According to their results, a functional HBB gene has been knocked into the human blood cells, mediated by CRISPR/Cas9 and SMNPs via Ad-grafted silicon nanowire substrates (Ad-SiNWS). At the present stage, the team has successfully delivered the RNP-SMNPs complex into an in vitro model and the results were published in Science Advance on October 23 this year, marks the first milestone of this particular research.

The achievement also verifies multiple proofs-of-concept and technological breakthroughs in medical research, including: i) The combined strategy of two nanotechnologies serves as an effective delivery platform that can co-deliver Cas9•sgRNA and dDNA into blood cells; ii) The use of non-viral vectors to prove that the CRISPR/Cas9 technology can be efficiently used to edit long DNA sequences. The above results also have been filled for a medical patent, in the hope to bring benefits to both national and international communities.

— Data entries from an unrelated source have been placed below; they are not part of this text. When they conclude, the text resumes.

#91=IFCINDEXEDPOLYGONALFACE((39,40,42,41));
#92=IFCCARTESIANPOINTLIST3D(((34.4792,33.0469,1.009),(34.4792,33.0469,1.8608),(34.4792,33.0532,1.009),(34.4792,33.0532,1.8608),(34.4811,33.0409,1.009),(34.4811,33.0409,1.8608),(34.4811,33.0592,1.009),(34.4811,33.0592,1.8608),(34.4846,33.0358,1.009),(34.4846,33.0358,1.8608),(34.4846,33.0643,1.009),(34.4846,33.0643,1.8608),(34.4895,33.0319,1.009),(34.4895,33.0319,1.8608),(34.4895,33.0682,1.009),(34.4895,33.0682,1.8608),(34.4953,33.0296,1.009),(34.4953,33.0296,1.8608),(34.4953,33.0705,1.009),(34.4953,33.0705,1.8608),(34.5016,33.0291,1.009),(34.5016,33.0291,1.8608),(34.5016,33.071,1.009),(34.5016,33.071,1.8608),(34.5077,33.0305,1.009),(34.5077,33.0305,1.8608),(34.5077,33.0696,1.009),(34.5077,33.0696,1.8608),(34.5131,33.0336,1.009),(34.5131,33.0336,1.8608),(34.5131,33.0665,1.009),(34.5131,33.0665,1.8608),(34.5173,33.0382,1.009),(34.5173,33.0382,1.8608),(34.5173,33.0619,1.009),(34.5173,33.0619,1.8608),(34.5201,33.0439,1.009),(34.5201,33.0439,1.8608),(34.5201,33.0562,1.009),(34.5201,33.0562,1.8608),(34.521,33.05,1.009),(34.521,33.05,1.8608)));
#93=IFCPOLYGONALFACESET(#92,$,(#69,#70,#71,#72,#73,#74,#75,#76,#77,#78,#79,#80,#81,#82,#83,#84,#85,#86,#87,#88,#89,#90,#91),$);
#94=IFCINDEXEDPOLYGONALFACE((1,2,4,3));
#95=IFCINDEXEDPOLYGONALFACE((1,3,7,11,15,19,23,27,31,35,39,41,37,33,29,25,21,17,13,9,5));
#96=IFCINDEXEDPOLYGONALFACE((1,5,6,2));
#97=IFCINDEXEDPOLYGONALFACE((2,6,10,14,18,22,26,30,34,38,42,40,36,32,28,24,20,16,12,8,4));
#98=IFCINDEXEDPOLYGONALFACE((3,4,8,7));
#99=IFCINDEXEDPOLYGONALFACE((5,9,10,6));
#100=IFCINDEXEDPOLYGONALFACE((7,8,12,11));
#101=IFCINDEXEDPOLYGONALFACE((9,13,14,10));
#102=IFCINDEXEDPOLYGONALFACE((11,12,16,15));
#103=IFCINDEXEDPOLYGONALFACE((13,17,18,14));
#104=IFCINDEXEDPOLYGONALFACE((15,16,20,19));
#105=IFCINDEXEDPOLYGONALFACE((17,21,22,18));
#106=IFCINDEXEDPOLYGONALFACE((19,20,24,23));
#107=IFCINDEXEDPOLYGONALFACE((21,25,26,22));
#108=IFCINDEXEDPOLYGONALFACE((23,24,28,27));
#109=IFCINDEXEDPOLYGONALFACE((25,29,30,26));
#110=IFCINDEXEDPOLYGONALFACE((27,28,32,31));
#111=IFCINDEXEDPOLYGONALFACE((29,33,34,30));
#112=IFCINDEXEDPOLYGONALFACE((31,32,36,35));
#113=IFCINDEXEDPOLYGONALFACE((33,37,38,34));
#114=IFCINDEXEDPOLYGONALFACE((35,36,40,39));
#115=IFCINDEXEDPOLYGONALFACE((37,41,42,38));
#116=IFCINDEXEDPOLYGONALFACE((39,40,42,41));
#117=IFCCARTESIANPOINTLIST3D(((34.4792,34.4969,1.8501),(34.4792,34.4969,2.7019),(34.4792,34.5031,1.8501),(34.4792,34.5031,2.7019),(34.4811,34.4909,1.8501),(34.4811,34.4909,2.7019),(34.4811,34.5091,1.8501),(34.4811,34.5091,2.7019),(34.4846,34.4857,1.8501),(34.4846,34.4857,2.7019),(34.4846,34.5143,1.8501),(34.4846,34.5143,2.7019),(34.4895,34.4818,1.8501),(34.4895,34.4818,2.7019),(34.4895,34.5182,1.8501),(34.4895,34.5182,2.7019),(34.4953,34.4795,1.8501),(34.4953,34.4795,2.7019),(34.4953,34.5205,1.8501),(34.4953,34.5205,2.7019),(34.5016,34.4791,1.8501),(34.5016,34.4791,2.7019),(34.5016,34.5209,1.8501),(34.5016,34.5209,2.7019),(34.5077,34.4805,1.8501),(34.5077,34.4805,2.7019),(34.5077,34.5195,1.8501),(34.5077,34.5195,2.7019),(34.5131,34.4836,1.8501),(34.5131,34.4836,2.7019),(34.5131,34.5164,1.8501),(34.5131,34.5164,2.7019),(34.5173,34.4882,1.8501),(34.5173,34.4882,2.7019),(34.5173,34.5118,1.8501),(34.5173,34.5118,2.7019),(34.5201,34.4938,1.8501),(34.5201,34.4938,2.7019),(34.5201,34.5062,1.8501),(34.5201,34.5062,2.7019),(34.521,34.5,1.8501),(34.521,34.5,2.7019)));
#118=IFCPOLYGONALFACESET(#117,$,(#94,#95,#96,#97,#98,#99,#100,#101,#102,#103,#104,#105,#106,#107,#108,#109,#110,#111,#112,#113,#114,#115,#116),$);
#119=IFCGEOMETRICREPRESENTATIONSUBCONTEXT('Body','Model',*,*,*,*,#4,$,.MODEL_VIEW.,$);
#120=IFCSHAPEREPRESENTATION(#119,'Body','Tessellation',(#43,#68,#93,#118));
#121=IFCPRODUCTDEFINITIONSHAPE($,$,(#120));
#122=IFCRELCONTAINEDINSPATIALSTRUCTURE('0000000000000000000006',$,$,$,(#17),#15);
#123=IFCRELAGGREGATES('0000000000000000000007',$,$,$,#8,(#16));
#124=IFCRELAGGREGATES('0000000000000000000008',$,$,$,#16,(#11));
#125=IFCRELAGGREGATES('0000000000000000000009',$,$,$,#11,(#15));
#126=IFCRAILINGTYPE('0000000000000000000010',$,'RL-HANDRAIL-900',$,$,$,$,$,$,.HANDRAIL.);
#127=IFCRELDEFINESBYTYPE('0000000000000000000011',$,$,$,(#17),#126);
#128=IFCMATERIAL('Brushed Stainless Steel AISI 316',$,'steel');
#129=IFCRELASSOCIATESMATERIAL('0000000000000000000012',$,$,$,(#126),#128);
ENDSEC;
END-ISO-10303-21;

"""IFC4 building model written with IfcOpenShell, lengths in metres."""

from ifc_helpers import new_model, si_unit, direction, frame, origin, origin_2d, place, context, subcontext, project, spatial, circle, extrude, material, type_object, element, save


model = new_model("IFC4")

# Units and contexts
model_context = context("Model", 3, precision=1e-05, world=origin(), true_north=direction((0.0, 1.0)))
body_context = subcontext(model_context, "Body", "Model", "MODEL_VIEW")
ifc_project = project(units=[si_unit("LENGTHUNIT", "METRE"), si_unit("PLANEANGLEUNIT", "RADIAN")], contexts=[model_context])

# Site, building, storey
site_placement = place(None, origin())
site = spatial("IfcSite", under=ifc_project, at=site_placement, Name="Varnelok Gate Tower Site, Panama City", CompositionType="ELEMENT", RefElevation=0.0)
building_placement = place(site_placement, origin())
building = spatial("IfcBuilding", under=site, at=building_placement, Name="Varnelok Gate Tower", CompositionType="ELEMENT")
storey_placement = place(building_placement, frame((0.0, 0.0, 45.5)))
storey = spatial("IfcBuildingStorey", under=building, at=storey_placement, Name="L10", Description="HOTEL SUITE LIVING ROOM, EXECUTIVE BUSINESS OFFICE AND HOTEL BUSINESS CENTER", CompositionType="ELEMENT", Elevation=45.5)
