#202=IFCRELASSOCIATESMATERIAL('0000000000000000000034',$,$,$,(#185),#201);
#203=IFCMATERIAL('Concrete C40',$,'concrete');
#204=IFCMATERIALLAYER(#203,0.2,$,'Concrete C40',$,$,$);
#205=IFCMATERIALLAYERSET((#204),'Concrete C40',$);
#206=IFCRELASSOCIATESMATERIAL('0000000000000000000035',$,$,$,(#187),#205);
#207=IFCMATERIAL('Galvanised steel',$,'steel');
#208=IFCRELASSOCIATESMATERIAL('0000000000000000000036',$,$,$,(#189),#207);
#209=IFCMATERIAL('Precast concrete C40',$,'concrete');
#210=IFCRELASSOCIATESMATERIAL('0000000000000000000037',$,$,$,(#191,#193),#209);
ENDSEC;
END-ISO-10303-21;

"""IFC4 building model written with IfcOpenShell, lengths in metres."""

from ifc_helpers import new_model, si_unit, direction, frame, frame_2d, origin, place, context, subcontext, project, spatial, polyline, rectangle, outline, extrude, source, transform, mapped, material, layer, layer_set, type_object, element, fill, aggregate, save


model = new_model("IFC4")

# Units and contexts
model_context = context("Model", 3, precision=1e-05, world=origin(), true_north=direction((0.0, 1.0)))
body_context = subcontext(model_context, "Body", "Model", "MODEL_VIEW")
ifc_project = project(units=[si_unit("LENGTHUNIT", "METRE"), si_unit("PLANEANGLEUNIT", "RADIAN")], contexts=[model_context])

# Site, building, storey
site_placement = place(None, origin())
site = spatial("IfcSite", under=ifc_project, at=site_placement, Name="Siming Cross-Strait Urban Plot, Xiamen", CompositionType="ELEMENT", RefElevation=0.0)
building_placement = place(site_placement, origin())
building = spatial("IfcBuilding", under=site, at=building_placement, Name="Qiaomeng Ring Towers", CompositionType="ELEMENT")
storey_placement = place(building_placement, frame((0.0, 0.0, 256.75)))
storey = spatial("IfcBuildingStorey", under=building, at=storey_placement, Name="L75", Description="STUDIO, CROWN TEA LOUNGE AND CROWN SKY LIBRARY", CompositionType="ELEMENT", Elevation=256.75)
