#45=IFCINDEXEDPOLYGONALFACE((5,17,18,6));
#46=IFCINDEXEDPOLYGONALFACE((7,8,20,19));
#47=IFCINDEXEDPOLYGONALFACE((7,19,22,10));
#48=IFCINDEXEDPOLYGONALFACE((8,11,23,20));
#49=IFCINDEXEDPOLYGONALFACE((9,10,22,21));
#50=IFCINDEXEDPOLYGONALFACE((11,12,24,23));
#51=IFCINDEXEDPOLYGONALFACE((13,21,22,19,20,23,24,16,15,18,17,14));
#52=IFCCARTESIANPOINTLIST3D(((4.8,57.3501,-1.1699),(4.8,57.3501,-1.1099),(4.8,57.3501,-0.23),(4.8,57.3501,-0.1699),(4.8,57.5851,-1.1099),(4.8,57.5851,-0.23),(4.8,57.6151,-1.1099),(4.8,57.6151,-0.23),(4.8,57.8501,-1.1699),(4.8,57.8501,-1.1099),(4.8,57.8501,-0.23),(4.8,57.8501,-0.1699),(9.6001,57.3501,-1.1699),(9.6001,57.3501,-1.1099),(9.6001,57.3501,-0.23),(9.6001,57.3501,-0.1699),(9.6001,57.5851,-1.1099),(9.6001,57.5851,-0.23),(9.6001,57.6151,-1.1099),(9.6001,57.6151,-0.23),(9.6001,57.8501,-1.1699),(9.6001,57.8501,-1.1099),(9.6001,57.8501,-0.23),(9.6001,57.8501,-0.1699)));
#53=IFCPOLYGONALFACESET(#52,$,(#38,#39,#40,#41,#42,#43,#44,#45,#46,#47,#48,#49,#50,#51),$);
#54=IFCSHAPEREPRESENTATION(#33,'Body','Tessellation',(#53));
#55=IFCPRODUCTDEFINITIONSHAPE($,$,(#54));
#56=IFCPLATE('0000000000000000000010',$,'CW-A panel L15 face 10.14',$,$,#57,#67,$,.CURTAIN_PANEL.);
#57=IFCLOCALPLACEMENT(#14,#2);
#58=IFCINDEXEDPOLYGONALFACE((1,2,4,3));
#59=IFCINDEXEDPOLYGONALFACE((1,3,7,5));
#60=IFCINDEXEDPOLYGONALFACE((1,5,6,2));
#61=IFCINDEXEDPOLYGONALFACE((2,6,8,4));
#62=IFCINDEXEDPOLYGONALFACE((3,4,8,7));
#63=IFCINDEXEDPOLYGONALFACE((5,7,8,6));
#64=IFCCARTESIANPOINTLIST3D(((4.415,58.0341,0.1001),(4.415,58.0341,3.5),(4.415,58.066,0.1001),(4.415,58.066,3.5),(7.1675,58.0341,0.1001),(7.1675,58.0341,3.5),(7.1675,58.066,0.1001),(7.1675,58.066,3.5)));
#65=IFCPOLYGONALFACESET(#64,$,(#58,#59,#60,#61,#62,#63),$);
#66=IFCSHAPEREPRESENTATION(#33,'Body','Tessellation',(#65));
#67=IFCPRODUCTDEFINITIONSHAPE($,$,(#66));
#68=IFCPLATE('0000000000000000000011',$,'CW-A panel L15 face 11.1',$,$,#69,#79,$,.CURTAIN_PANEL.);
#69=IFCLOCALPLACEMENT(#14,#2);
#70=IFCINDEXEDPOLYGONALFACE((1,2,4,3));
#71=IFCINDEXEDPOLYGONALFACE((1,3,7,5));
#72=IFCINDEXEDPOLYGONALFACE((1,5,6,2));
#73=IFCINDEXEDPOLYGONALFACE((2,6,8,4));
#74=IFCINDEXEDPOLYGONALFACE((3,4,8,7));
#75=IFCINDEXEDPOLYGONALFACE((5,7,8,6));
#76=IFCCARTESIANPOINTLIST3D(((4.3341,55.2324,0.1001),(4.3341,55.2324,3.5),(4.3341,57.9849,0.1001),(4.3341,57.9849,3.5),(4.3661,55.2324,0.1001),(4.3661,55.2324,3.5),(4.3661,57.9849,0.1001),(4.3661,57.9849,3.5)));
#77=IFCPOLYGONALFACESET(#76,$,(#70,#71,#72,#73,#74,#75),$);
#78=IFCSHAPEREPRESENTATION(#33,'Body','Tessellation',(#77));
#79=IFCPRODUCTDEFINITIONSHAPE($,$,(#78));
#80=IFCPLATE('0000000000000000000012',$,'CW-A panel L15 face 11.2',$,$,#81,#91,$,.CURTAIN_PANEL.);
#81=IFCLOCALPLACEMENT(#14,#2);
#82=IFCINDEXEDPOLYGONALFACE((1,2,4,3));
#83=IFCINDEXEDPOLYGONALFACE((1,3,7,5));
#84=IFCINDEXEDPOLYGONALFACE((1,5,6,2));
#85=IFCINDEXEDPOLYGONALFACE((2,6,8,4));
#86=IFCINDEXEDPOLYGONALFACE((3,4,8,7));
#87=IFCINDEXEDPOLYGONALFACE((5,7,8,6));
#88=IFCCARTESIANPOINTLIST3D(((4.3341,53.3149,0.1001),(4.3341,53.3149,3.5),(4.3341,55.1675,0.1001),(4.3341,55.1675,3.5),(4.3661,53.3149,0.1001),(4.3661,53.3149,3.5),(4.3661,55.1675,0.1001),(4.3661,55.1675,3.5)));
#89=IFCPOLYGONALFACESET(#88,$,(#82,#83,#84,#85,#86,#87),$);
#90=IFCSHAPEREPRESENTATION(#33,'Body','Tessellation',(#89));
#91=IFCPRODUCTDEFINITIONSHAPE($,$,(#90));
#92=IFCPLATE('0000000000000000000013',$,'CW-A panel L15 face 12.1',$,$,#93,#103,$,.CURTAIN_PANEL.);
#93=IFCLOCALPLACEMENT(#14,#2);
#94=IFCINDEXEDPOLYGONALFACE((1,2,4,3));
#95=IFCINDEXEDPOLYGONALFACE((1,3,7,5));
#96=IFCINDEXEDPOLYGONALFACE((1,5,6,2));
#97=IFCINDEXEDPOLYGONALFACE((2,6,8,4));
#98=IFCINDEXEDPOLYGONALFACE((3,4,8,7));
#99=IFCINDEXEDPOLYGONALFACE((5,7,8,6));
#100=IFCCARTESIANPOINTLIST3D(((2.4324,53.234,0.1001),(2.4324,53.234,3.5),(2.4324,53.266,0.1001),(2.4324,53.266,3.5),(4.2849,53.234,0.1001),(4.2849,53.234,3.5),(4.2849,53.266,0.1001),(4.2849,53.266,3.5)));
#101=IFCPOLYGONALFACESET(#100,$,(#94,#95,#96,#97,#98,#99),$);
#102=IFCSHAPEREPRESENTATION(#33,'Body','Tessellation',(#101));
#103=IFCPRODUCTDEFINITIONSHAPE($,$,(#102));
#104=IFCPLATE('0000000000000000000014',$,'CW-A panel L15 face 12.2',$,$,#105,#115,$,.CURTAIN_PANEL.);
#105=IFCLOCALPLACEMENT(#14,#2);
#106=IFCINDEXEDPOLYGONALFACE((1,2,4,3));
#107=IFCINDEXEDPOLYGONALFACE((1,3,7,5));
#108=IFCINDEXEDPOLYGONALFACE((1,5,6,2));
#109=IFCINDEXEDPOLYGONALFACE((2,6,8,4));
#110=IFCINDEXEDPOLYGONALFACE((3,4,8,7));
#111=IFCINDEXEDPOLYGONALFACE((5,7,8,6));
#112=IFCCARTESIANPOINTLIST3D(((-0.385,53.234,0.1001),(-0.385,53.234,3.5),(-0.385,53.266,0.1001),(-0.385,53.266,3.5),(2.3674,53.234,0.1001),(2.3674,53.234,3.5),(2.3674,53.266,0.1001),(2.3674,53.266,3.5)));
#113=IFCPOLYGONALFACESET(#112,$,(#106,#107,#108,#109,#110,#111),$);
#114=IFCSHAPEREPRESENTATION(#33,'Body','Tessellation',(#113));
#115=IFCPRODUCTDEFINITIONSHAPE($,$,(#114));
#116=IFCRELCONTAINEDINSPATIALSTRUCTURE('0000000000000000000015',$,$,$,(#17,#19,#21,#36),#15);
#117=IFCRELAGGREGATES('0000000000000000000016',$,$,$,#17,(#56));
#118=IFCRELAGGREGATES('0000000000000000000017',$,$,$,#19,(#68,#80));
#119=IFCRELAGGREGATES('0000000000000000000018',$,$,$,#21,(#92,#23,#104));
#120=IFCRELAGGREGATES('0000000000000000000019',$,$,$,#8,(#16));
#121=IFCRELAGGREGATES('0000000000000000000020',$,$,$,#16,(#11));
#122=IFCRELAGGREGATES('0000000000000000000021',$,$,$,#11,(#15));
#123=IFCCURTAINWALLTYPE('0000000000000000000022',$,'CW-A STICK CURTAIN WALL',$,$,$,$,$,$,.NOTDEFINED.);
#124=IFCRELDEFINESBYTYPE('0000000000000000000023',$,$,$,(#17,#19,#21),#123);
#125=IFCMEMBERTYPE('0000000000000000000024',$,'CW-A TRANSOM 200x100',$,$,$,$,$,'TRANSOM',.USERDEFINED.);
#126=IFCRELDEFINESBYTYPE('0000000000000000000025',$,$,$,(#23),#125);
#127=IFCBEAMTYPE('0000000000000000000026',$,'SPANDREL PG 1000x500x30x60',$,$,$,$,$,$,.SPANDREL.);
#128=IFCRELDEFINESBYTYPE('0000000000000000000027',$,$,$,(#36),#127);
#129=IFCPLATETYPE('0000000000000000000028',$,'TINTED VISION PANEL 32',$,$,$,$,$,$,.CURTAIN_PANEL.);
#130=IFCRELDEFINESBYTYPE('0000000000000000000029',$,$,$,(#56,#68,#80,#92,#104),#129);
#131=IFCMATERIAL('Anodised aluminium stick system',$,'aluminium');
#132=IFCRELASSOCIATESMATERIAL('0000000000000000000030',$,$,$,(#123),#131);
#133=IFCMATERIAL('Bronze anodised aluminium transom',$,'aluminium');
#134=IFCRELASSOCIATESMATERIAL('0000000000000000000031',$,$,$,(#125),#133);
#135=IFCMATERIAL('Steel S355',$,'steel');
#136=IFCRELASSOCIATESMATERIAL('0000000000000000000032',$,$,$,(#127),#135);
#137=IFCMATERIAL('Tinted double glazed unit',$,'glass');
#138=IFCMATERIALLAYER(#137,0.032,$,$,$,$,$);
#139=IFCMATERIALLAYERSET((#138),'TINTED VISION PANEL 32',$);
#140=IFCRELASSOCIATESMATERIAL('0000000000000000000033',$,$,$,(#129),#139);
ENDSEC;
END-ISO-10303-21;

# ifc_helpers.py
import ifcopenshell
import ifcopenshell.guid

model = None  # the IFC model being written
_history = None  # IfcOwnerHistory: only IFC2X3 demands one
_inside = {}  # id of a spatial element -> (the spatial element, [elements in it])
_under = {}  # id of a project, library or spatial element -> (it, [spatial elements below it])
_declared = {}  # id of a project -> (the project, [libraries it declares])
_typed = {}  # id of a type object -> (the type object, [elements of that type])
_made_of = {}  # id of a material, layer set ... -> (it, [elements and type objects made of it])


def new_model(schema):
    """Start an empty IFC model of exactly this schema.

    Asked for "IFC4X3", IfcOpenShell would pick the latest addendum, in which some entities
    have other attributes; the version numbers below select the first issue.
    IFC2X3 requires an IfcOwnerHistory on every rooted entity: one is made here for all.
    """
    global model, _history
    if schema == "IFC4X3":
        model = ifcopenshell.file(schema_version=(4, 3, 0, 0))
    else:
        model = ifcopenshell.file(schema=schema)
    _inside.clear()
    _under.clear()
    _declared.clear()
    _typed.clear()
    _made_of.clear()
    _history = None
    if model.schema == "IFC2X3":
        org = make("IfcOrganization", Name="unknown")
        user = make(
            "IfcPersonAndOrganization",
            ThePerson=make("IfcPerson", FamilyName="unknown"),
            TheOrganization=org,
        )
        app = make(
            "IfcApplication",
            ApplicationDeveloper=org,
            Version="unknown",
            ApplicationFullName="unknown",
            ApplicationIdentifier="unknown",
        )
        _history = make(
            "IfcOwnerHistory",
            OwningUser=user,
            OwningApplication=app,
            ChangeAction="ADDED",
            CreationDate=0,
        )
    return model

Furthermore, the research team, led by Professor Chiou has previously applied the SMNPs encapsulated CRISPR/Cas9 strategy into the in vitro and in vivo disease model for treatment with X-linked Retinoschisis (XLRS) syndrome. The published data have showed promising results in improving the gene-editing efficiency (Advanced Science 2020 April).

This achievement creates a new platform in precise gene-editing, also a new therapeutic direction for the inherited retinal or hematopoietic-related diseases. Together with the international efforts and collaborations, Taiwan plans to accelerate the pace of the gene-editing and nanoparticles technologies into the clinical settings.